Drive thru? As leaked it probably does effect the OGL ones.


----------



## delericho

darjr said:


> Drive thru? As leaked it probably does effect the OGL ones.



That was my understanding.

(And, incidentally, that's a partial answer to the question "what's to stop me just carrying on publishing under the old OGL?" - given the deals in place, Drive Thru probably won't provide a market for such a product, and Kickstarter probably won't allow campaigns to fund such a product.)


----------



## Bitbrain

What about those game systems sold on DrivethruRPG that don’t use the OGL?


----------



## mamba

Bitbrain said:


> What about those game systems sold on DrivethruRPG that don’t use the OGL?



they should not be affected


----------



## D1Tremere

I'm confused. How does this effect drivethru or kickstarter?
To my understanding, drivethru is a store front, and individual sellers will simply need to switch to the new OGL with little or no change. Kickstarter isnt profit, and the OGL 1.1 specifies profit. Unless the kickstarted product actually generates profits in excess of $750k it shouldn't really be effected by using the new OGL.


----------



## Uni-the-Unicorn!

D1Tremere said:


> I'm confused. How does this effect drivethru or kickstarter?
> To my understanding, drivethru is a store front, and individual sellers will simply need to switch to the new OGL with little or no change. Kickstarter isnt profit, and the OGL 1.1 specifies profit. Unless the kickstarted product actually generates profits in excess of $750k it shouldn't really be effected by using the new OGL.

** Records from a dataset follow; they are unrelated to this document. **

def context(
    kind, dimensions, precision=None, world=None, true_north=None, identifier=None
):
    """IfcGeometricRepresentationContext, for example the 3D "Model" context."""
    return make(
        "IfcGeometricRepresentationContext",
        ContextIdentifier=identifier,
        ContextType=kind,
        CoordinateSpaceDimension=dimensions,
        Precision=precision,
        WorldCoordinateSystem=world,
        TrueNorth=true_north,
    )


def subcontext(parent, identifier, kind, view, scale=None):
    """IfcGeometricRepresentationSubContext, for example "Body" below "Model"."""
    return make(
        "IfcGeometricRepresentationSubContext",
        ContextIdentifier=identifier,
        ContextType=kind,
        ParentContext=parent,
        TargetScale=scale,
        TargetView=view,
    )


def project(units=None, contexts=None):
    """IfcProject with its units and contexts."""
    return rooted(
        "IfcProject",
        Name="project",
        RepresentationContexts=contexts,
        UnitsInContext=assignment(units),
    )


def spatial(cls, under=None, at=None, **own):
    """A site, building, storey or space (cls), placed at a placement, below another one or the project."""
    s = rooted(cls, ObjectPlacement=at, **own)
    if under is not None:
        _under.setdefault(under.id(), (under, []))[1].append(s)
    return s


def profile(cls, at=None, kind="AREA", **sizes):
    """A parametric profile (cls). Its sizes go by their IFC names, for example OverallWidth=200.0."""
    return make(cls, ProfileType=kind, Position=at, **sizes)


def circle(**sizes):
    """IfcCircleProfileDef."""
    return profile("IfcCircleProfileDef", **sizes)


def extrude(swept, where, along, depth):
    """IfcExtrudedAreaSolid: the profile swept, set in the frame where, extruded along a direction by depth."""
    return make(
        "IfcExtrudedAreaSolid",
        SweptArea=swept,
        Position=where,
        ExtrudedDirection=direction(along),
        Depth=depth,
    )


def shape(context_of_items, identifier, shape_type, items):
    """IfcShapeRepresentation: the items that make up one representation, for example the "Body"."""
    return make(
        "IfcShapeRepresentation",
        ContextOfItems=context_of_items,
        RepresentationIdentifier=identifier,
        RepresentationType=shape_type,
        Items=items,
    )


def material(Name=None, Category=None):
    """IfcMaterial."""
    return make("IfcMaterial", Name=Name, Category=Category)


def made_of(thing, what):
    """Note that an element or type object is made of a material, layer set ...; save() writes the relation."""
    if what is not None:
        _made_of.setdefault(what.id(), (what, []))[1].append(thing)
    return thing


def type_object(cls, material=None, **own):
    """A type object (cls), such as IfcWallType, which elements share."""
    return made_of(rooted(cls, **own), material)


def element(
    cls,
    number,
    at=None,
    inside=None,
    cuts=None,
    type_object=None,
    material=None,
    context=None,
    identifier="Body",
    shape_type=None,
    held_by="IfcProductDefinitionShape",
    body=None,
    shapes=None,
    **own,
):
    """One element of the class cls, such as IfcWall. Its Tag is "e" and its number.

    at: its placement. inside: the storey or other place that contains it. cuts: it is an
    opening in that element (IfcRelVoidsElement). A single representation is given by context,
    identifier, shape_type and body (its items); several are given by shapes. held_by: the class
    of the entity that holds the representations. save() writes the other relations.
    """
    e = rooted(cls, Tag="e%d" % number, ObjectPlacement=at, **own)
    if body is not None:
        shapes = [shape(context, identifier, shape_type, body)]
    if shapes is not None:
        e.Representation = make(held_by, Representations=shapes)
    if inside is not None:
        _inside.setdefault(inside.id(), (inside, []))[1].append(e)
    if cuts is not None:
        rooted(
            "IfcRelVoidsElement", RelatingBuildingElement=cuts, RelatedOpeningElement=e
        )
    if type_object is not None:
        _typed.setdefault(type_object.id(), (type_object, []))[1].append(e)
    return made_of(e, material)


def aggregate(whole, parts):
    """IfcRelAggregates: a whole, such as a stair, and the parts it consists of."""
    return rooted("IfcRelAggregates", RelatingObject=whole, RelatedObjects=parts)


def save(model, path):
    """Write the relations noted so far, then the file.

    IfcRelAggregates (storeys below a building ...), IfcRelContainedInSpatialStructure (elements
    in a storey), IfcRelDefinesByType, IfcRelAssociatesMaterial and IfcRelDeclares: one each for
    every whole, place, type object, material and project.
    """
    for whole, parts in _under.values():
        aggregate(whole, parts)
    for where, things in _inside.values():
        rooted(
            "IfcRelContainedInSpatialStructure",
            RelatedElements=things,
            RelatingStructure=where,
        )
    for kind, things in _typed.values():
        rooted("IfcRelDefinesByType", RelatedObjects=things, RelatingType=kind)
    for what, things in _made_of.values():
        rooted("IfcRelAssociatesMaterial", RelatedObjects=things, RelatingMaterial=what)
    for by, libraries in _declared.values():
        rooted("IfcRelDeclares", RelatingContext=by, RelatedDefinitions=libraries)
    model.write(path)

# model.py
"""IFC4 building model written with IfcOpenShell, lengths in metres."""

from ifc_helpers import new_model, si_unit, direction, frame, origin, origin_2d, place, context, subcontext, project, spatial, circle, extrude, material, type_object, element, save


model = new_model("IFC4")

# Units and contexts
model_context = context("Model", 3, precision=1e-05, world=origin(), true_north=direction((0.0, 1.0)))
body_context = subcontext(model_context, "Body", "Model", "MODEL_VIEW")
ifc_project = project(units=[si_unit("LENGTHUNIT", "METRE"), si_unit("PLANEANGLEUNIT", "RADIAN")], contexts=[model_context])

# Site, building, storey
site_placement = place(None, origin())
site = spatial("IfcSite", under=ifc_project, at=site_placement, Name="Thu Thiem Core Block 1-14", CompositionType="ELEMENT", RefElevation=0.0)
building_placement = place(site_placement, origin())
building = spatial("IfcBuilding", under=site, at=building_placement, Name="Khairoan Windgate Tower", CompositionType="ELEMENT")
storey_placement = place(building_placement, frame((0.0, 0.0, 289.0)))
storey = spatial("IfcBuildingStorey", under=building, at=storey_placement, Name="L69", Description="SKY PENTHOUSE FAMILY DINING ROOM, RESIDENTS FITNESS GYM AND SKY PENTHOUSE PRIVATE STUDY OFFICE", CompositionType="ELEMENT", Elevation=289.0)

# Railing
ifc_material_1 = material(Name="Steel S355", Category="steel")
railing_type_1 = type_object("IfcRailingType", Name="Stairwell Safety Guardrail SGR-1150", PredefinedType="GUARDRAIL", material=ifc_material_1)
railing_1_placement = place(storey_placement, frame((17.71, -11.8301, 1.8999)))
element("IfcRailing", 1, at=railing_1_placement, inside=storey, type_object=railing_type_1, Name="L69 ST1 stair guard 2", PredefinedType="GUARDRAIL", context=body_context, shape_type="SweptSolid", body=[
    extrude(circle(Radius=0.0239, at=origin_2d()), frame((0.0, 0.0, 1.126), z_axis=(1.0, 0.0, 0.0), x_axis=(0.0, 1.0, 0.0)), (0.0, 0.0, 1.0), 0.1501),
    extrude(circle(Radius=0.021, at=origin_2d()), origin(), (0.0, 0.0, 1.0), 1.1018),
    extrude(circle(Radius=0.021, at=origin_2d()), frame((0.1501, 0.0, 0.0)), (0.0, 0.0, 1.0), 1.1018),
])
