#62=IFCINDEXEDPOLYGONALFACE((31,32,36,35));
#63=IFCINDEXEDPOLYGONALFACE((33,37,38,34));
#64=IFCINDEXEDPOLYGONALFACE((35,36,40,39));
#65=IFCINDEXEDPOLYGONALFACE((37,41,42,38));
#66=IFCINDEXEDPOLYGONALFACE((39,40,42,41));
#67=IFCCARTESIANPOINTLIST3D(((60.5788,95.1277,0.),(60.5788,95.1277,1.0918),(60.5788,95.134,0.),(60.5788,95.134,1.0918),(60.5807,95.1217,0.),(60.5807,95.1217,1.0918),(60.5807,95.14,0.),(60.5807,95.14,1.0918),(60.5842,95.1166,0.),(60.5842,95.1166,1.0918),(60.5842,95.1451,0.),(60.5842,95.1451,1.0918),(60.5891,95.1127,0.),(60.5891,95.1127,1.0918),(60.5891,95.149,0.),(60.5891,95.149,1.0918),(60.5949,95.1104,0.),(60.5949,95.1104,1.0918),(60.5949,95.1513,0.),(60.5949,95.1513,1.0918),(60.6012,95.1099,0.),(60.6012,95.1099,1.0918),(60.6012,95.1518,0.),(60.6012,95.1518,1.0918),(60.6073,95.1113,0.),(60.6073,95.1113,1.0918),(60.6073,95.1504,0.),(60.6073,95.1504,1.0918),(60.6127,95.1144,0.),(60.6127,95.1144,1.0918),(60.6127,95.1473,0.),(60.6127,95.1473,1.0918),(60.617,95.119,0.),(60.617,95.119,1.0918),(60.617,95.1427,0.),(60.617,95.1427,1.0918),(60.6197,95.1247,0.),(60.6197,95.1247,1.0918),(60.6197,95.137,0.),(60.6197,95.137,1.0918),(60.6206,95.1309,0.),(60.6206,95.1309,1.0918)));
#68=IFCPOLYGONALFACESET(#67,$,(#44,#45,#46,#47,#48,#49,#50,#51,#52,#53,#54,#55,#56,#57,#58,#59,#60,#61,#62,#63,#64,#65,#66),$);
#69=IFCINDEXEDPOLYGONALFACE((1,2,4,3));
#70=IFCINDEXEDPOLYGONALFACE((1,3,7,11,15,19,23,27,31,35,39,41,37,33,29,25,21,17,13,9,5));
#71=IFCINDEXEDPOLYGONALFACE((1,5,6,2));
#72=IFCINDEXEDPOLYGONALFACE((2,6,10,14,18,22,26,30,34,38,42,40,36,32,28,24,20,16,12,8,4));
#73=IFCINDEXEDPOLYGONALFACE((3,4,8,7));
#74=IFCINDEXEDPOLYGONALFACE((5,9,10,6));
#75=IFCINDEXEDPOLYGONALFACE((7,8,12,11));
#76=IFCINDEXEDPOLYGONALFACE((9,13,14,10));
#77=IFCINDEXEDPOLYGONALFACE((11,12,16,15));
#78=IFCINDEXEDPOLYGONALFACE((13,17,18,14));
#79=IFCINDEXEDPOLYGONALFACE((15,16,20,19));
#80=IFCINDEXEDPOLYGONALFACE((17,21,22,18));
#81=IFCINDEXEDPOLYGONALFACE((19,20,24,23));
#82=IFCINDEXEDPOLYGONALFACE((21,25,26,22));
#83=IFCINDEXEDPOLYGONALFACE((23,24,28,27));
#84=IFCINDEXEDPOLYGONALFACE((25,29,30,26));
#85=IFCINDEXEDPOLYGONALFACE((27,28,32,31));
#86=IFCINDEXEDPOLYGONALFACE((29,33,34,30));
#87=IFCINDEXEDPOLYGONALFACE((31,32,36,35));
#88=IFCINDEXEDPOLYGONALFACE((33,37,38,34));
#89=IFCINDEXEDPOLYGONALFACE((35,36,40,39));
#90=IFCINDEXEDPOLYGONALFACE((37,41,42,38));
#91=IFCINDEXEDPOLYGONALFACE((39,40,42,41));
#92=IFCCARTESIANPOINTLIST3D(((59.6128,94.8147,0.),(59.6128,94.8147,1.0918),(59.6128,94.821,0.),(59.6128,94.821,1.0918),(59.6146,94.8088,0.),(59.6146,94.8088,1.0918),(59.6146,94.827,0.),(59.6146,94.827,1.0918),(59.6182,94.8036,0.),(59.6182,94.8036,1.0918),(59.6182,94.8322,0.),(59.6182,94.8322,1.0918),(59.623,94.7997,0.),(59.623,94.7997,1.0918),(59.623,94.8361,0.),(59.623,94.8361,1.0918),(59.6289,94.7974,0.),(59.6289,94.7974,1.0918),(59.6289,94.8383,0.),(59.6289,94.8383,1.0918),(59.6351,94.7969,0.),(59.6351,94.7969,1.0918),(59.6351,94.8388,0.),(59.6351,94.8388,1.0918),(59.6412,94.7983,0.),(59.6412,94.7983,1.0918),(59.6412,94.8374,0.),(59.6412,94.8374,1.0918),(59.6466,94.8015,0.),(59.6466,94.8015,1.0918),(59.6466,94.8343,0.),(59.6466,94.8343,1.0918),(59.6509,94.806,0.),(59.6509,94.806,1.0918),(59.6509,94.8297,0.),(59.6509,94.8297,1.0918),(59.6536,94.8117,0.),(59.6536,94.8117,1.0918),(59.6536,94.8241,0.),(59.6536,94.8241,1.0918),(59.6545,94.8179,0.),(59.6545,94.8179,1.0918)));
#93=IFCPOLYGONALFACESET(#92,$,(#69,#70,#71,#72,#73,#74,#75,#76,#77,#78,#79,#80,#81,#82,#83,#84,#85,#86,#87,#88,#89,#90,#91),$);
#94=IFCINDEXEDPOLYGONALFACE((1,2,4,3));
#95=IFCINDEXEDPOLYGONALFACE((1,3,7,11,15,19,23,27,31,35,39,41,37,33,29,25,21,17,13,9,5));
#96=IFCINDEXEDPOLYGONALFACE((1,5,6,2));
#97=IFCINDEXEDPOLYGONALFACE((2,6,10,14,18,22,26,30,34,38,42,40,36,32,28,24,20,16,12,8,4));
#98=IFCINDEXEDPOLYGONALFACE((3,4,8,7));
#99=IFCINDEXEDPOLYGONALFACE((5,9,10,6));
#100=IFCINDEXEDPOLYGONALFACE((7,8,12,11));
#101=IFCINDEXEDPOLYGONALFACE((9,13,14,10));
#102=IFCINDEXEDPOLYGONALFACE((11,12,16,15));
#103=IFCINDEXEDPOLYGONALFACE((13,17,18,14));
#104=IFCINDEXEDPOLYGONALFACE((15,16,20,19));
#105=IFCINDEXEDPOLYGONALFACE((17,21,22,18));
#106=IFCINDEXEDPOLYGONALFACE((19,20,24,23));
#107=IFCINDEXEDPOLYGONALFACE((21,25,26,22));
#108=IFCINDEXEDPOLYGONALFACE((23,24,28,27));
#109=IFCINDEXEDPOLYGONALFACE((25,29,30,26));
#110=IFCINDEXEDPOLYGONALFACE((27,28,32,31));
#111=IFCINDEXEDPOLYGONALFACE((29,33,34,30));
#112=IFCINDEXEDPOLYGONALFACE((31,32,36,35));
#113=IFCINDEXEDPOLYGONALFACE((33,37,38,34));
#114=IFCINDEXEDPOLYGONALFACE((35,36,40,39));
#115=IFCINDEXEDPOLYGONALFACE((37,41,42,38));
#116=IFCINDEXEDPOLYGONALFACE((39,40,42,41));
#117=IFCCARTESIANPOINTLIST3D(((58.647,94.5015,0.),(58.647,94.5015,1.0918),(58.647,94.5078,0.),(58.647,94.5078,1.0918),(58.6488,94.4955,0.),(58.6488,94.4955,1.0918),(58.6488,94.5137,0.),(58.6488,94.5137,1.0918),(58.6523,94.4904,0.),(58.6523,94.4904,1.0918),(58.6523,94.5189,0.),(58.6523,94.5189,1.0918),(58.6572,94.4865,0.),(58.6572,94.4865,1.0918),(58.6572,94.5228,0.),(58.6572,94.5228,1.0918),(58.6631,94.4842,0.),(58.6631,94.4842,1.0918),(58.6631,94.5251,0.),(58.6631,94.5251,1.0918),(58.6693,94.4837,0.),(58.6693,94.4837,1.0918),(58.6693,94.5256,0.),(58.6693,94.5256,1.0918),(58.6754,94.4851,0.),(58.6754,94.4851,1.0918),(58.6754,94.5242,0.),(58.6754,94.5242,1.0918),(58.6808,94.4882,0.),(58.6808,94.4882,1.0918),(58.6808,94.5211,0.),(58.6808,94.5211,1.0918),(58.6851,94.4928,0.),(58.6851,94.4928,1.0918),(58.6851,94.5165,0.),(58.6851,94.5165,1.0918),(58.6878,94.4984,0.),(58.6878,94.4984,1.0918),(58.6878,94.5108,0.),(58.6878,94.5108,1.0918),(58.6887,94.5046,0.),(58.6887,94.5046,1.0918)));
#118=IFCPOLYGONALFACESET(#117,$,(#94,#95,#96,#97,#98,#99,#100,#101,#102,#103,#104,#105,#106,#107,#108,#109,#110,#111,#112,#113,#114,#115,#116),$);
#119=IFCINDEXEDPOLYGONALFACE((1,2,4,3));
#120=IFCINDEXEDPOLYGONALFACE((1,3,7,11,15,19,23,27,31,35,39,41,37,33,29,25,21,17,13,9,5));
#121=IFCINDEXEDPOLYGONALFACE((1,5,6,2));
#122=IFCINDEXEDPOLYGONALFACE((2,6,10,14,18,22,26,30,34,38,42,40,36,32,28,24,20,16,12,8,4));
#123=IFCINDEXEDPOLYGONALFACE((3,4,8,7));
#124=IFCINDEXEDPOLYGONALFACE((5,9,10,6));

fYi, the leaked OGL says “revenue” not “profit”


----------



## Deset Gled

It's been awhile since this comic felt relevant, but here we are...







DRM may be different from an OGL, but the analogy is close enough.

I do not endorse piracy.  But there may be a collection of legally questionable PDFs that I have on my network storage somewhere.  PDFs of books I owned when purchasing them as PDF wasn't an option, things I wanted to read that weren't available via standard online sources at the time, etc.  None of those are danger of being lost because of business decisions made by Hasbro.


----------



## D1Tremere

Uni-the-Unicorn! said:


> fYi, the leaked OGL says “revenue” not “profit”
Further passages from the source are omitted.